All right, so on the flip side of that, who might be a bad candidate? Who probably should not participate in Academy? Now, there's lots of examples that I could think of here, but I wanted to highlight a couple that you might not think about. Number one, you're an experienced R user. We had a number of people say that they knew R, but what they were looking for was wanting to do it the right way. I can say that from experience here, that probably means that you either are too knowledgeable to participate compared to the other members of your cohort, or you don't really have enough of that intrinsic motivation.
You're not necessarily learning a particular set of the right way to do things, rather than learning maybe some best practices that you can apply with your peers. Also, thinking of this experience here, if you've already regularly are building and deploying Shiny apps, probably too advanced. If you're a regular contributor to Tidy Tuesday on Twitter, again, probably too advanced. Maybe the number one giveaway, if you are able to successfully achieve writing some new Tidy evaluation code, and you don't have to go look on the RStudio community or go through the docs, yeah, you're definitely too advanced for Academy.
The other category to look out for here is people who are excited about learning how to code, but they're just thinking of it as a new skill. We had a survey that we sent out before our initial cohorts with Academy to get some sense of the community of why they wanted to participate. We had a number of different answers along the lines of, yeah, I think this would be great for a skill to add to my list. You probably don't want to select those people for RStudio Academy, predominantly because they don't have enough of that intrinsic motivation to want to go and complete the curriculum and then apply it to their work. The other thing to look out for is if you don't have a project to apply it to, it's likely that the skills that you learn, if you don't maintain that habit, if you're not developing this as a continuous practice, you're probably not going to have that good of an experience.

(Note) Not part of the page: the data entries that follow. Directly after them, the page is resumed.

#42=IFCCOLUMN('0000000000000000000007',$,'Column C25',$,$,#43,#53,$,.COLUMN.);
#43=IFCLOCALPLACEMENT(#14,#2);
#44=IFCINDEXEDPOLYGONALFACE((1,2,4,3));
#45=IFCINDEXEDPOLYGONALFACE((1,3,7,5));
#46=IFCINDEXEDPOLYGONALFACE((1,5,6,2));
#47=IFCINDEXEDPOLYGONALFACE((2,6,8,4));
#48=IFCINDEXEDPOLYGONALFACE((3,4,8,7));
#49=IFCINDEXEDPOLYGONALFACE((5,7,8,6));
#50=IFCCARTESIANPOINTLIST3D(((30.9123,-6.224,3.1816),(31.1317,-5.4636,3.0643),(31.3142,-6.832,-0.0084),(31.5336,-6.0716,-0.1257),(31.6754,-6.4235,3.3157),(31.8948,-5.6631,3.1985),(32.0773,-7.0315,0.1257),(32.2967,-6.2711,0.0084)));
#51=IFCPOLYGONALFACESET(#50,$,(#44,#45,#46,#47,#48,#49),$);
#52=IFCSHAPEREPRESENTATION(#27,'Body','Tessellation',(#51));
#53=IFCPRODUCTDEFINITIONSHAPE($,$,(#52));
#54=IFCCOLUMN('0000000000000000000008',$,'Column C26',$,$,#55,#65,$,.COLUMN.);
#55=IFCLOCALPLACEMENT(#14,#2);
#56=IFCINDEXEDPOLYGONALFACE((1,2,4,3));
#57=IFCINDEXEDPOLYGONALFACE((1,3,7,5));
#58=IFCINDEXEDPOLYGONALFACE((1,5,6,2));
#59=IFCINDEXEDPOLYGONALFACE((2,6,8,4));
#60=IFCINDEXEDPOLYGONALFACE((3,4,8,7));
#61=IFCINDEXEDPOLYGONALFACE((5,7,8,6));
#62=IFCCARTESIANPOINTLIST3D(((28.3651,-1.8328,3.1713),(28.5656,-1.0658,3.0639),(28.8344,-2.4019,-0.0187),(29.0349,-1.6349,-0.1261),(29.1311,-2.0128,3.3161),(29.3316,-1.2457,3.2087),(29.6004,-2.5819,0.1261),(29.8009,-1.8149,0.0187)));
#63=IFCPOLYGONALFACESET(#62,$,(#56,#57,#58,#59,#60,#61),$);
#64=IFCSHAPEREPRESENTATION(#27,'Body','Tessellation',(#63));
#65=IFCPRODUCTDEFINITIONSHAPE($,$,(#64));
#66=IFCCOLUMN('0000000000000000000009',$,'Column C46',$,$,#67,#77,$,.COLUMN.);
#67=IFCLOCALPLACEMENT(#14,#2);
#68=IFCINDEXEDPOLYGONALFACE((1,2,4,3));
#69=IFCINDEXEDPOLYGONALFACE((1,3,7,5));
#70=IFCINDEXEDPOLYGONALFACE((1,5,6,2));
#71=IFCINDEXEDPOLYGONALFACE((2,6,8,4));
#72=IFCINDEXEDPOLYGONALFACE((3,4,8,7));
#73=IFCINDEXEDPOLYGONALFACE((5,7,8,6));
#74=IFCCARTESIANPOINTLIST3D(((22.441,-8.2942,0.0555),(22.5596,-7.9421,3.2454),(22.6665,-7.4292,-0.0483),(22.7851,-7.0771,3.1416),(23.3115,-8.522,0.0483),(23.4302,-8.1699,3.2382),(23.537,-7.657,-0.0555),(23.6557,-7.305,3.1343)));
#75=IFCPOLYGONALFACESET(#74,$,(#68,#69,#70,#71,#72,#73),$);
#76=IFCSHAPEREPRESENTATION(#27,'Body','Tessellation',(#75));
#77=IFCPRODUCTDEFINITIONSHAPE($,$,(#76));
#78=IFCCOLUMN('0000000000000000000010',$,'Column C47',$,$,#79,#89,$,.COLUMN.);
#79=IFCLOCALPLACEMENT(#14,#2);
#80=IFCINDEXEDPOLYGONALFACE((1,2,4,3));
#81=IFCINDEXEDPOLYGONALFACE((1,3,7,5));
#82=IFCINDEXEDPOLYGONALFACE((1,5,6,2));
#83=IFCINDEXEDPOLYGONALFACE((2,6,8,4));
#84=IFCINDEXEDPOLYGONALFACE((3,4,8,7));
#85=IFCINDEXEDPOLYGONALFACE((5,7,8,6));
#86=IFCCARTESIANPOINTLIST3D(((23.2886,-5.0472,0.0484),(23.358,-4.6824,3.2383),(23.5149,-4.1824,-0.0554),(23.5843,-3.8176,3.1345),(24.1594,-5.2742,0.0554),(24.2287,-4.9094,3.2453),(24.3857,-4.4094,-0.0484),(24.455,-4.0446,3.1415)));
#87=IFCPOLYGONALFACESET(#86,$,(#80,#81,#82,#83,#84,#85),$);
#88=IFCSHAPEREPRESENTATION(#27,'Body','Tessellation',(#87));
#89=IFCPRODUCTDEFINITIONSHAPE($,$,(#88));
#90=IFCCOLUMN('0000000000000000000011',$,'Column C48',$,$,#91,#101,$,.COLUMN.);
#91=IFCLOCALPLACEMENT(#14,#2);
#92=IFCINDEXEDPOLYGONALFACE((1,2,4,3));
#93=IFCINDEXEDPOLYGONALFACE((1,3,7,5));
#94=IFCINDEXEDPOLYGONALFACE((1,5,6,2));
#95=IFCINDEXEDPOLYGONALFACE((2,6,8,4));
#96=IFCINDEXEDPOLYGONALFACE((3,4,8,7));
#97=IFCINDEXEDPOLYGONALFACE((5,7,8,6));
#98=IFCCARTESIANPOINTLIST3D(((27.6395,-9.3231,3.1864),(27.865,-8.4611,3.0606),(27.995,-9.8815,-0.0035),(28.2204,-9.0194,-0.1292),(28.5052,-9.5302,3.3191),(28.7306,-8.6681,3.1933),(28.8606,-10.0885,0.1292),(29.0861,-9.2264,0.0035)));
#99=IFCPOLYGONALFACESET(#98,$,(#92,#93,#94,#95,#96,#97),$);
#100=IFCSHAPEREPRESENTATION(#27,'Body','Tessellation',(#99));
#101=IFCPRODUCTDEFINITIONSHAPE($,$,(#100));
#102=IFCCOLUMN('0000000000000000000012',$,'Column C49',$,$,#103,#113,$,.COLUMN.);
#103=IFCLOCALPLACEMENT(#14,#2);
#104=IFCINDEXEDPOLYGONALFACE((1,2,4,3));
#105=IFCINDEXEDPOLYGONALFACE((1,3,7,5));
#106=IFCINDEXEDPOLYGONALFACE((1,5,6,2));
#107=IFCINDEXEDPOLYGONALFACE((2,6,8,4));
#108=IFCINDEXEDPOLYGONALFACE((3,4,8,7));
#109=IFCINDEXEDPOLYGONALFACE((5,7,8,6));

Okay, enough of the negatives. What makes a good cohort? I mentioned that a cohort needs to have somewhere between five and seven people in it. And Dow is a very large company. We have around 36,000 employees. I mentioned a few thousand within our R&D groups spread across the globe. This made picking our cohorts a bit of a challenge. What we've learned from this, we've had several now, is the components that make a good cohort are, number one, the people are from a similar work group. It doesn't have to literally be the same thing that people have the identical roles. In fact, we've found some good outcomes from having people at maybe some of our highest level of technical leadership roles and some people at the various, the earliest entrance into the company. Those seem to work okay together.
What is more important is that the types of problems that they're thinking about on a daily basis are similar enough that they can discuss with how they could apply the new skills that they're learning to their own work. Now, again, a nuts and bolts component here is you want to make sure that you have a similar time zone. You don't want people struggling to attend the group sessions. Those are critical to success, as we've heard from our participants.
And then the third piece here, something that we sort of learned the hard way, of making sure that everybody within a given cohort is of a similar skill level. I had that long list of identifiers that might suggest that somebody is too skilled for Academy. You want to make sure that if you do have somebody with advanced skills participating, that they're well matched with people who are at least close to their skill level. You probably don't want a brand new beginner with somebody who's regularly deploying Shiny apps, for example.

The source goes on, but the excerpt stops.